Wir fordern einen wirksamen und nachhaltigen Schutz vor Eigenbedarfskündigungen und den dazugehörigen Umgehungsstrategien, die den Erhalt der sozialen Struktur unseres Viertels gefährden. Wir erwarten, dass das Bezirksamt geeignete Maßnahmen ergreift, um die Interessen der langjährigen Bewohnerinnen und Bewohner zu sichern.
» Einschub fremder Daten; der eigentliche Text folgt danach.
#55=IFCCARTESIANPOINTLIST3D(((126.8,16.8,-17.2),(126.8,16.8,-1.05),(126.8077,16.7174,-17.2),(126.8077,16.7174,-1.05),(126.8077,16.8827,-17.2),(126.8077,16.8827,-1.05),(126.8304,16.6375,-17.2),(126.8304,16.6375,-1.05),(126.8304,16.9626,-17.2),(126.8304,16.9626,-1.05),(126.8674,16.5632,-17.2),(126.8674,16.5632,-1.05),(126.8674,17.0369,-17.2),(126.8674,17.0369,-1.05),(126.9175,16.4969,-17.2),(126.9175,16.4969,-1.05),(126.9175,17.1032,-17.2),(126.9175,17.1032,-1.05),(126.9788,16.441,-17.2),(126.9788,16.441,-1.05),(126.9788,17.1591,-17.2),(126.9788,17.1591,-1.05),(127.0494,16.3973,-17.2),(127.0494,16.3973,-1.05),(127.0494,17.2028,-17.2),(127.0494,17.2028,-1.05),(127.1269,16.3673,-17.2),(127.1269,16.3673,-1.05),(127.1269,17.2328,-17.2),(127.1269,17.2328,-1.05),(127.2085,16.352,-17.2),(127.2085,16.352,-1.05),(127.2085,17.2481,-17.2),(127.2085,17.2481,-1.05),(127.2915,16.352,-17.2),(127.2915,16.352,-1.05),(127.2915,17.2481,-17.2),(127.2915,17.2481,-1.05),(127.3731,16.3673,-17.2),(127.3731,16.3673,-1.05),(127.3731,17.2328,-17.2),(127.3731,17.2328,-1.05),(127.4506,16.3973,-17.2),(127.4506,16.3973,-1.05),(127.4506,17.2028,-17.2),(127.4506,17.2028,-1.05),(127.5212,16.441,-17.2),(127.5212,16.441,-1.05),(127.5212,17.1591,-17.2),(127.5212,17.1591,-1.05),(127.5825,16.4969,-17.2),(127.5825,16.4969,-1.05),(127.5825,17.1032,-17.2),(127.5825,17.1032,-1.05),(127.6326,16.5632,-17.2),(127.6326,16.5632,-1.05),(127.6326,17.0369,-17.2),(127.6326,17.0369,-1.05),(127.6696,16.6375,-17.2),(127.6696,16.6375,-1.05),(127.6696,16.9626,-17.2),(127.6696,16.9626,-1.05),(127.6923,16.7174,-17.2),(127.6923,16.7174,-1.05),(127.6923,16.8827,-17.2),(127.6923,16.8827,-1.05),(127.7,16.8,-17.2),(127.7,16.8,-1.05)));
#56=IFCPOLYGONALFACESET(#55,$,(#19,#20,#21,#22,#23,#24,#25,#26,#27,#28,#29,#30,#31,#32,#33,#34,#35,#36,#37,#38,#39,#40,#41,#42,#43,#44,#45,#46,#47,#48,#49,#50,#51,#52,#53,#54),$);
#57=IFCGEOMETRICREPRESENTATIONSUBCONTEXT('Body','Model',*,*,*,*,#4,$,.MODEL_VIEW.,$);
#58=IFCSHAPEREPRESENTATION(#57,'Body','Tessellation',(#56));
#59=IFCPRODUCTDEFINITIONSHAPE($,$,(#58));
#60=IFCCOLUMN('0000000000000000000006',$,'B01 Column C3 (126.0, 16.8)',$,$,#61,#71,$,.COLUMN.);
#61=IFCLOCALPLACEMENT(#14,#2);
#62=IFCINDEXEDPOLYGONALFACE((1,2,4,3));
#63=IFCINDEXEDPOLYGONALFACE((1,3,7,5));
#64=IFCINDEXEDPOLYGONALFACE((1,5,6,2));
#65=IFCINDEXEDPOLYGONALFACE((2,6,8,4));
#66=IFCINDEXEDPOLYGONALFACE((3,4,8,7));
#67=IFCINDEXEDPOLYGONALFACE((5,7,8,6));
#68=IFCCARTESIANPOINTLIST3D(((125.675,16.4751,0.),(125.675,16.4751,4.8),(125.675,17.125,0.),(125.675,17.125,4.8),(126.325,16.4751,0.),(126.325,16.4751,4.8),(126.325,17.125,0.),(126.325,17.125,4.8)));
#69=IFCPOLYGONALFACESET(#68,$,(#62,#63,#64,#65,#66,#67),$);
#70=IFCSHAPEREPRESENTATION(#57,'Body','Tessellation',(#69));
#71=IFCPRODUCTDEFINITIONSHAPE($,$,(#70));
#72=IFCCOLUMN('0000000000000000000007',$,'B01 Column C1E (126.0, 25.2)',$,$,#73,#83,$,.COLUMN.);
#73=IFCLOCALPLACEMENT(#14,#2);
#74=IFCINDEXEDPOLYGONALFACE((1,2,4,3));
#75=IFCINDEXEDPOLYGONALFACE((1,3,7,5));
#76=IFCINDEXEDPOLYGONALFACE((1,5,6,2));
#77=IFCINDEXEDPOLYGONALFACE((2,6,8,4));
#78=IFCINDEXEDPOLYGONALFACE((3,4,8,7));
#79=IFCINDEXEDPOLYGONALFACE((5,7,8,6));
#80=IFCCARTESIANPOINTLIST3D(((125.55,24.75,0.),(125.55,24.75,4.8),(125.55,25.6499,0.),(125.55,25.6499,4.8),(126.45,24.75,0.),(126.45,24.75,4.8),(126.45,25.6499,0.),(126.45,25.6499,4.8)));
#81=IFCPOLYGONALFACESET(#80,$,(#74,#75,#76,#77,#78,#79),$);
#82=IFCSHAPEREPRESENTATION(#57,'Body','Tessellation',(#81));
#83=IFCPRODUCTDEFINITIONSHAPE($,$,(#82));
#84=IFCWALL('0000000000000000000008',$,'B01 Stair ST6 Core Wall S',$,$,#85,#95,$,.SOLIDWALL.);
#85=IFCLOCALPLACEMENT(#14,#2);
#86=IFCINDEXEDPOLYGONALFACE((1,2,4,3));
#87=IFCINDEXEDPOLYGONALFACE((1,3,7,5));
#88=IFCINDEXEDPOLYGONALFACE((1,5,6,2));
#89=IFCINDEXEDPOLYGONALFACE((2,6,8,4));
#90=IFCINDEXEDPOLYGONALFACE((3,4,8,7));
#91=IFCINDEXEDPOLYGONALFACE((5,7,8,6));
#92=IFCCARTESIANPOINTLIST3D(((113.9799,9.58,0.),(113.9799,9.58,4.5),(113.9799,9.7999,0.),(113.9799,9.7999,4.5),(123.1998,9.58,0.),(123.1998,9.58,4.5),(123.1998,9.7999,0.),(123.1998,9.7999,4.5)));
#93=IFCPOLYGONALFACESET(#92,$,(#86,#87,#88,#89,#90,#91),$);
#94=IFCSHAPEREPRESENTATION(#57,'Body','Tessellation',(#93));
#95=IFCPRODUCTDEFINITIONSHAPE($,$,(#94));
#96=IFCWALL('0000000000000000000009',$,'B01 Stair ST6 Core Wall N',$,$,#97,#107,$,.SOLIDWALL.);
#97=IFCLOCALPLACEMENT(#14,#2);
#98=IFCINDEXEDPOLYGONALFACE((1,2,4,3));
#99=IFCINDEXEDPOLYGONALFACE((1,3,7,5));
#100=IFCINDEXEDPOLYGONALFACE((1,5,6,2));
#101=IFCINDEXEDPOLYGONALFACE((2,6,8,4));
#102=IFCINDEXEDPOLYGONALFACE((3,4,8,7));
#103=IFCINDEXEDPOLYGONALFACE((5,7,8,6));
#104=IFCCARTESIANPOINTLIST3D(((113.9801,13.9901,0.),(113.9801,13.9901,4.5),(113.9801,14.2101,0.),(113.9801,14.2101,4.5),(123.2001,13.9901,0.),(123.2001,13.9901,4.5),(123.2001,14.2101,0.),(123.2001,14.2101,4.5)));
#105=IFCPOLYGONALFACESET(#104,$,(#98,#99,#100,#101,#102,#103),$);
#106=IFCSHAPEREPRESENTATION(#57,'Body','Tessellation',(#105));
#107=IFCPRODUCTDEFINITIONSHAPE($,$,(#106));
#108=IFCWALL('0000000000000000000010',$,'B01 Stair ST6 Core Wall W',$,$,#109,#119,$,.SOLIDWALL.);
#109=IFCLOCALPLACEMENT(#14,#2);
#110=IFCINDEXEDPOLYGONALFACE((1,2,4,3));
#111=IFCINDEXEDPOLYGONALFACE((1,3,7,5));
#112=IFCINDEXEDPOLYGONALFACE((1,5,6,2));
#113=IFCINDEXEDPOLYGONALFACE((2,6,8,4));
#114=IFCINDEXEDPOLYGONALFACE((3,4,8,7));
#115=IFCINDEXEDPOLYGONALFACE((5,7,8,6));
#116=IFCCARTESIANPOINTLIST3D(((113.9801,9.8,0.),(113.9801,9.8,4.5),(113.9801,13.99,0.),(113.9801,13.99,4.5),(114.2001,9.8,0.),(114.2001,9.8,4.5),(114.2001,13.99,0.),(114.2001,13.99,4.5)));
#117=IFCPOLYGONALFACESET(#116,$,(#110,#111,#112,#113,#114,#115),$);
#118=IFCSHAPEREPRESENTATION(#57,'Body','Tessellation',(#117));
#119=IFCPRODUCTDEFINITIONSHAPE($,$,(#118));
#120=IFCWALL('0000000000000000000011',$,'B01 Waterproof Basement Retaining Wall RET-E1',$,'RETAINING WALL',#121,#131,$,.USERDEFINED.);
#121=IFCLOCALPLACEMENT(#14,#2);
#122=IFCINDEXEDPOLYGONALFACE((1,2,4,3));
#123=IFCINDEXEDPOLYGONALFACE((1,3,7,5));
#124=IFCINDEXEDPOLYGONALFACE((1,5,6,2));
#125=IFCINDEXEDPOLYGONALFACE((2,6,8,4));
Das Gebiet rund um die Petersburger Straße ist seit Jahren von stark steigenden Mieten, massivem Aufwertungsdruck und zunehmender Verdrängung geprägt. Trotz der bereits bestehenden Erhaltungssatzung nehmen Kündigungen unter Berufung auf angeblichen Eigenbedarf deutlich zu. Für langjährige Mieterinnen und Mieter – darunter viele einkommensschwache Haushalte, ältere Menschen und Familien – stellen diese Kündigungen eine reale und akute Bedrohung ihrer Wohn- und Lebenssituation dar.

Unsere Forderungen:

Wir fordern von den zuständigen Stellen konkrete und wirksame Maßnahmen:

  1. Stärkere Einschränkungen von Eigenbedarfskündigungen in Milieuschutzgebieten, insbesondere eine verpflichtende Prüfung durch das Bezirksamt, ob die schützenswerten Belange der Bewohnerschaft Vorrang haben.
  2. Konsequente Kontrolle und Sanktionierung missbräuchlicher oder vorgeschobener Eigenbedarfskündigungen.
  3. Verbindliche Aufklärungs- und Beratungspflichten für Eigentümer, bevor eine Eigenbedarfskündigung ausgesprochen werden darf.
  4. Ausbau des bezirklichen Vorkaufsrechts – oder geeigneter Alternativen – um spekulative Verdrängung durch Einzelumwandlungen und Weiterverwertung zu verhindern.
  5. Schaffung zusätzlicher Instrumente zur dauerhaften Entziehung von Mietwohnungen aus spekulativen Marktmechanismen, beispielsweise durch die Stärkung gemeinwohlorientierter Träger. 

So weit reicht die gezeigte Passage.